The usual practice is to create the voltage limits (usually the power supplies) and clamp with reverse biased 1n4148 diodes. That works well and is low distortion but you need the supplies and a series resistance to limit the current. Using Zeners introduces distortion because they start conducting well below the clamp voltage. Doing this in a tube system is difficult since there are no low voltage supplies to make use of.
What is the output impedance of the tube circuit?
I do not know Zout, did not measured it. It should be low, 150R or less.
the current schematic is here: http://www.diyaudio.com/forums/tubes-valves/234937-ribbon-microphone-preamp-65.html#post3899733
Could you please advice a protection with less distortion?
the current schematic is here: http://www.diyaudio.com/forums/tubes-valves/234937-ribbon-microphone-preamp-65.html#post3899733
Could you please advice a protection with less distortion?

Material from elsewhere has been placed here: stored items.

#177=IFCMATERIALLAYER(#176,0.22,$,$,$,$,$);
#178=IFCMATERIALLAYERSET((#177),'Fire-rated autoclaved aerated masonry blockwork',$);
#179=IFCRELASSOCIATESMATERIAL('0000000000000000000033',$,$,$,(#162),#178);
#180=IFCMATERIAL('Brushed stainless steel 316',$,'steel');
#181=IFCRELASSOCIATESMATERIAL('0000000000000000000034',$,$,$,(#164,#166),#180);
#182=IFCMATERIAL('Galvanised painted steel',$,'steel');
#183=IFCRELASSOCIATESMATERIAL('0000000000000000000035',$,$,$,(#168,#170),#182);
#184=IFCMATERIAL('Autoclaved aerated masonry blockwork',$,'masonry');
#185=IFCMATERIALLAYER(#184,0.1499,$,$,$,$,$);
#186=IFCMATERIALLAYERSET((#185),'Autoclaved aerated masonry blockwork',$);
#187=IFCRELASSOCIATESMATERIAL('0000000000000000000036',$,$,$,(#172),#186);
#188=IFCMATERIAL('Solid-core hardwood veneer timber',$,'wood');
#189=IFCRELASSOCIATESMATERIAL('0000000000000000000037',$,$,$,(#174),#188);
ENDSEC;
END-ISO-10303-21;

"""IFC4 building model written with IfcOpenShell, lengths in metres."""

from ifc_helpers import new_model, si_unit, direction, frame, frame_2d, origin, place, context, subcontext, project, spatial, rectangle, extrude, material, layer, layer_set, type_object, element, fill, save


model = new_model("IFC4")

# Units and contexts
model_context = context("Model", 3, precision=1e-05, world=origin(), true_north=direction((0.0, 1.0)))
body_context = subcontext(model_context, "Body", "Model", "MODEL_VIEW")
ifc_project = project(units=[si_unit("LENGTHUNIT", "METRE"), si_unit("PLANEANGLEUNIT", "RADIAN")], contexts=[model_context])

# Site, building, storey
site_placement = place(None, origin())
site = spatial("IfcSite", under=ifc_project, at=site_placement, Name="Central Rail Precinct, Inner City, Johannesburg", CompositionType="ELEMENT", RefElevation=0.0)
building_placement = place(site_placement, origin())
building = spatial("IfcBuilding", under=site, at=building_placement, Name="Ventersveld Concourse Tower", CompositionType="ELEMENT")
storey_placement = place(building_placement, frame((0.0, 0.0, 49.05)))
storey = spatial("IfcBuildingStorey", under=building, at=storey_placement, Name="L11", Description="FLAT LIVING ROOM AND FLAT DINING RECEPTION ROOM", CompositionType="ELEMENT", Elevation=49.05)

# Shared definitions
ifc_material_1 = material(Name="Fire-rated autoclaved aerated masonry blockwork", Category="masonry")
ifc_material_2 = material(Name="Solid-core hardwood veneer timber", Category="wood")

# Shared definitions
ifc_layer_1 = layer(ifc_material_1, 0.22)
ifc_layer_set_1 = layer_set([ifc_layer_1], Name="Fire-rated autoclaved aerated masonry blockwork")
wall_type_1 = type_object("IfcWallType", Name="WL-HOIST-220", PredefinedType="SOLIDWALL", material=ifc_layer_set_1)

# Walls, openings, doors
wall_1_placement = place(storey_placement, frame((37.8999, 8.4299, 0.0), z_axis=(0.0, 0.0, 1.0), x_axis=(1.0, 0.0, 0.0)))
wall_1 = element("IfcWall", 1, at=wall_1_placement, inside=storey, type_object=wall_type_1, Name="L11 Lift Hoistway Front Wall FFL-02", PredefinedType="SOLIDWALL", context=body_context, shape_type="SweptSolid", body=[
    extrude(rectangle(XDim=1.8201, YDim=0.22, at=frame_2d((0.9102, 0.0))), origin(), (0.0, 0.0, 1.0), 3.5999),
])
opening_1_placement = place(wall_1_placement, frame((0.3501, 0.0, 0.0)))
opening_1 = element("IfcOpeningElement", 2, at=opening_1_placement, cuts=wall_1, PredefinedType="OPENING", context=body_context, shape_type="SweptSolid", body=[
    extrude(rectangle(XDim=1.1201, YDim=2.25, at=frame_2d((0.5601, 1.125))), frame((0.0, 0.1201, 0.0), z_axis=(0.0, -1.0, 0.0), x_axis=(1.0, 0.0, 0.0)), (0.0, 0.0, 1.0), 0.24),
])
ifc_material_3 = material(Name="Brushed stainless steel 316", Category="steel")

With the low output impedance you can get enough current to damage devices.
The best way to protect would be the following-
create a +&- supply at the voltage limits you need -.7V (if possible). Connect reverse biased diodes from each rail to the input. The diodes won't conduct until the input swigs past the voltage rail. You need some form of additional protection however. The options are a fuse (100 mA), a series resistor that can handle the worst case voltage and current (10K 2W?) or a miniature lightbulb rated for the max voltage. The lightbulb is attractive because when cold, normal case, its resistance is low but when power is applied its resistance increases limiting the current as it warms up. This is what I see in current generation distortion analyzers.
The best way to protect would be the following-
create a +&- supply at the voltage limits you need -.7V (if possible). Connect reverse biased diodes from each rail to the input. The diodes won't conduct until the input swigs past the voltage rail. You need some form of additional protection however. The options are a fuse (100 mA), a series resistor that can handle the worst case voltage and current (10K 2W?) or a miniature lightbulb rated for the max voltage. The lightbulb is attractive because when cold, normal case, its resistance is low but when power is applied its resistance increases limiting the current as it warms up. This is what I see in current generation distortion analyzers.
Hello friends.
What is your opinion about ADC:
1) What Fs is enough and what "nice to have"?
2) If ADC dedicated to the measurements only, should it be stereo, or it can be mono?
3) Is SE Input is enough, or it must be differential?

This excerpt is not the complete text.